This article is based on interviews with Walmart employees in London Ontario.
Does it make sense to you that people earning minimum wage, living well below the poverty line, are doing fundraising for charities which are organized by the corporation to which they are employed? Yes that’s right, Walmart has its workers doing fundraising for charities in its name: brilliant and cheap “good works”.

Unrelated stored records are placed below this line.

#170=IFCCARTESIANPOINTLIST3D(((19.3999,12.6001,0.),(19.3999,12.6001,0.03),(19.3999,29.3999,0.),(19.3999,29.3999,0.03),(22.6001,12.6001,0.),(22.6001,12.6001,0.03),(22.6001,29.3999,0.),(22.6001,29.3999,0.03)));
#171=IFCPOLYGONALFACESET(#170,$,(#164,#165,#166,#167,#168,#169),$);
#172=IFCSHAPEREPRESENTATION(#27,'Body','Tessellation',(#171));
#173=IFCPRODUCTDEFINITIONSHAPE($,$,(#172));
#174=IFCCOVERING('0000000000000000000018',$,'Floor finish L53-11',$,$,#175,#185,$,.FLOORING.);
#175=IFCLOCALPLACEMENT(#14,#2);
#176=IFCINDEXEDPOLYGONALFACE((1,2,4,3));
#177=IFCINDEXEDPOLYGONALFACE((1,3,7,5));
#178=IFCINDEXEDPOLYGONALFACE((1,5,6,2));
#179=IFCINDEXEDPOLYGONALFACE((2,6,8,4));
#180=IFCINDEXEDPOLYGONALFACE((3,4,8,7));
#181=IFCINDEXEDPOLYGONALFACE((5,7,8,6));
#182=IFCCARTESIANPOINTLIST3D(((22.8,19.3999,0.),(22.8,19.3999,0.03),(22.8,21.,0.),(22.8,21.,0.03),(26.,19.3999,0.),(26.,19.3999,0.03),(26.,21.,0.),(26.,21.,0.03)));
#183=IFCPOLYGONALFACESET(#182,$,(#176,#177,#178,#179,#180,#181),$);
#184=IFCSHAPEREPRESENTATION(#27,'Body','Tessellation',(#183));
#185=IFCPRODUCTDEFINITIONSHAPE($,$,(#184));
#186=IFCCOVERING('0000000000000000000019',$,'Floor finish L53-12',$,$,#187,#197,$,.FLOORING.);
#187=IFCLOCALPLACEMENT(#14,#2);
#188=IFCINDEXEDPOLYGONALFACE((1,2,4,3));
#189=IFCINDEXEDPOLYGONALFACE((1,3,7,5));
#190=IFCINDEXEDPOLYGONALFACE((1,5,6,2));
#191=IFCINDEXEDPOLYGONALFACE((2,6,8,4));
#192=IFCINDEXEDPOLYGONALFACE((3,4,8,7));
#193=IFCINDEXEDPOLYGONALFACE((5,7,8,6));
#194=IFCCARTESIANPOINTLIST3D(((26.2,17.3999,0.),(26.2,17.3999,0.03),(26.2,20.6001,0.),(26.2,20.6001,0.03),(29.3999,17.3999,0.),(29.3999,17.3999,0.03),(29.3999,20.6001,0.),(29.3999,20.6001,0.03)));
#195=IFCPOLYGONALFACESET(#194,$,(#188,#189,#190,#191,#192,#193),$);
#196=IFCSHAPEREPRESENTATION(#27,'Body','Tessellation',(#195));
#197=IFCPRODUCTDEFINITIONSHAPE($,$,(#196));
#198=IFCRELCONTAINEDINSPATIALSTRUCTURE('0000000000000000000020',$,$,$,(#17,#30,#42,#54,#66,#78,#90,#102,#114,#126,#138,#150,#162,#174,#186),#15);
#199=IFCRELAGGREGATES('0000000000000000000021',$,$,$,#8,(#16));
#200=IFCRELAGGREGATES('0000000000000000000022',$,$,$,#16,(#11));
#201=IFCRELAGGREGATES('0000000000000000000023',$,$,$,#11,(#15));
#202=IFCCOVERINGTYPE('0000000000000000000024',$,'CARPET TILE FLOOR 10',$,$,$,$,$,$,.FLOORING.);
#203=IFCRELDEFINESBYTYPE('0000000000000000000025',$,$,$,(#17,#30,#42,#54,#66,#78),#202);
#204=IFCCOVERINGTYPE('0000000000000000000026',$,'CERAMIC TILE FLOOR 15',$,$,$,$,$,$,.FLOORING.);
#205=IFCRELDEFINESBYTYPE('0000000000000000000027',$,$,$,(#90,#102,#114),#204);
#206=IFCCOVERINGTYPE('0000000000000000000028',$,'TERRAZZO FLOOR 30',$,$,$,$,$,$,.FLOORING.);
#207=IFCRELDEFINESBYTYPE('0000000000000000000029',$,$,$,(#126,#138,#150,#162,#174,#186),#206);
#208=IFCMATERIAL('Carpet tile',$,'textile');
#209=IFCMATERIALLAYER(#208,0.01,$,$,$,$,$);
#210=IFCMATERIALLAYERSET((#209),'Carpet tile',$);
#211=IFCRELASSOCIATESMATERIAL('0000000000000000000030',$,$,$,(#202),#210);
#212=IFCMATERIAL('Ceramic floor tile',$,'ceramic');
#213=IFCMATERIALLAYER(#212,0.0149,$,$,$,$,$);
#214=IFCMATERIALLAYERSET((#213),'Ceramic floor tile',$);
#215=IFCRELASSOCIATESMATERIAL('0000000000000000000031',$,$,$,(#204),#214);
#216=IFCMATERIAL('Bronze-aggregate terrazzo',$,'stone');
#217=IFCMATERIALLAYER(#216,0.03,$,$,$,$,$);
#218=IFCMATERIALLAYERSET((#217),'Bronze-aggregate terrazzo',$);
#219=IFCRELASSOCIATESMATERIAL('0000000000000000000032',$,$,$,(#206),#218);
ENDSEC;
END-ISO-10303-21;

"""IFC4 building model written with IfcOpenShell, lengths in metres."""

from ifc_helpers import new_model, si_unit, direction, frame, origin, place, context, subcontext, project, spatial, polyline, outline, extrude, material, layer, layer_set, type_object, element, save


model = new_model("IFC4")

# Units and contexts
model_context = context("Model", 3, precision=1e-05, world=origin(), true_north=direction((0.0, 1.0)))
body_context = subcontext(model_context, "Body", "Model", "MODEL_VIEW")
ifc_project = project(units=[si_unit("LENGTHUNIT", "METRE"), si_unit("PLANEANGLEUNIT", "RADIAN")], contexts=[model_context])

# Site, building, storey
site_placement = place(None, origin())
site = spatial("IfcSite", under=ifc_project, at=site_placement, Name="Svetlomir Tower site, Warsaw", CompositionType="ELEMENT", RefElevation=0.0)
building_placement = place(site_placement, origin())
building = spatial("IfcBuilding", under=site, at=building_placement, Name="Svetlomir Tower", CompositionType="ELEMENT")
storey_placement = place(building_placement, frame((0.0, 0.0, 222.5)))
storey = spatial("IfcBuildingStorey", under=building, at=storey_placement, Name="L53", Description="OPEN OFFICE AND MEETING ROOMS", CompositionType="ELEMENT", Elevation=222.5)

A friend who worked at Walmart as a cashier for many years told me that she was expected to participate in various fundraisers, including “staff donations”, and if she did not she was treated as if she was not a valued employee. It is bad enough that employees are subjected to singing the Walmart song every morning, and if they are lucky enough to be there at close, the managers broadcast the total sales for the day throughout the store. Employees are expected to cheer and help the store break sales records daily. Ironically, what a Walmart in London can earn in a day, typically well over 150,000$, a cashier will never take home in a dozen years working for minimum wage.
Recently over 800 Walmart employees with friends and family participated in a walk to raise funds for the Children’s Foundation. But who ultimately benefits from the efforts of the low-wage workers? Walmart can donate funds enough to support hundreds of organizations and charities without exploiting its obliging workers (actually Walmart can’t really do anything without exploiting anyone). These events are nothing but publicity stunts to make Walmart look responsible and caring, two things which it is not.
If Walmart really cared, perhaps it would choose to “fundraise” to pay its employees a living wage, and clothe, house and feed the workers in China who make the plastic crap they sell. More fundraising ideas: environmental cleanup from the extraction and processing of petrochemicals, dyes, and metals used to make the products they sell, cancer clinics to treat people who work and eat at their McDonalds’ and revitalization programs for the tens of thousands of small town main streets across North America that are now ghost towns because of Walmart.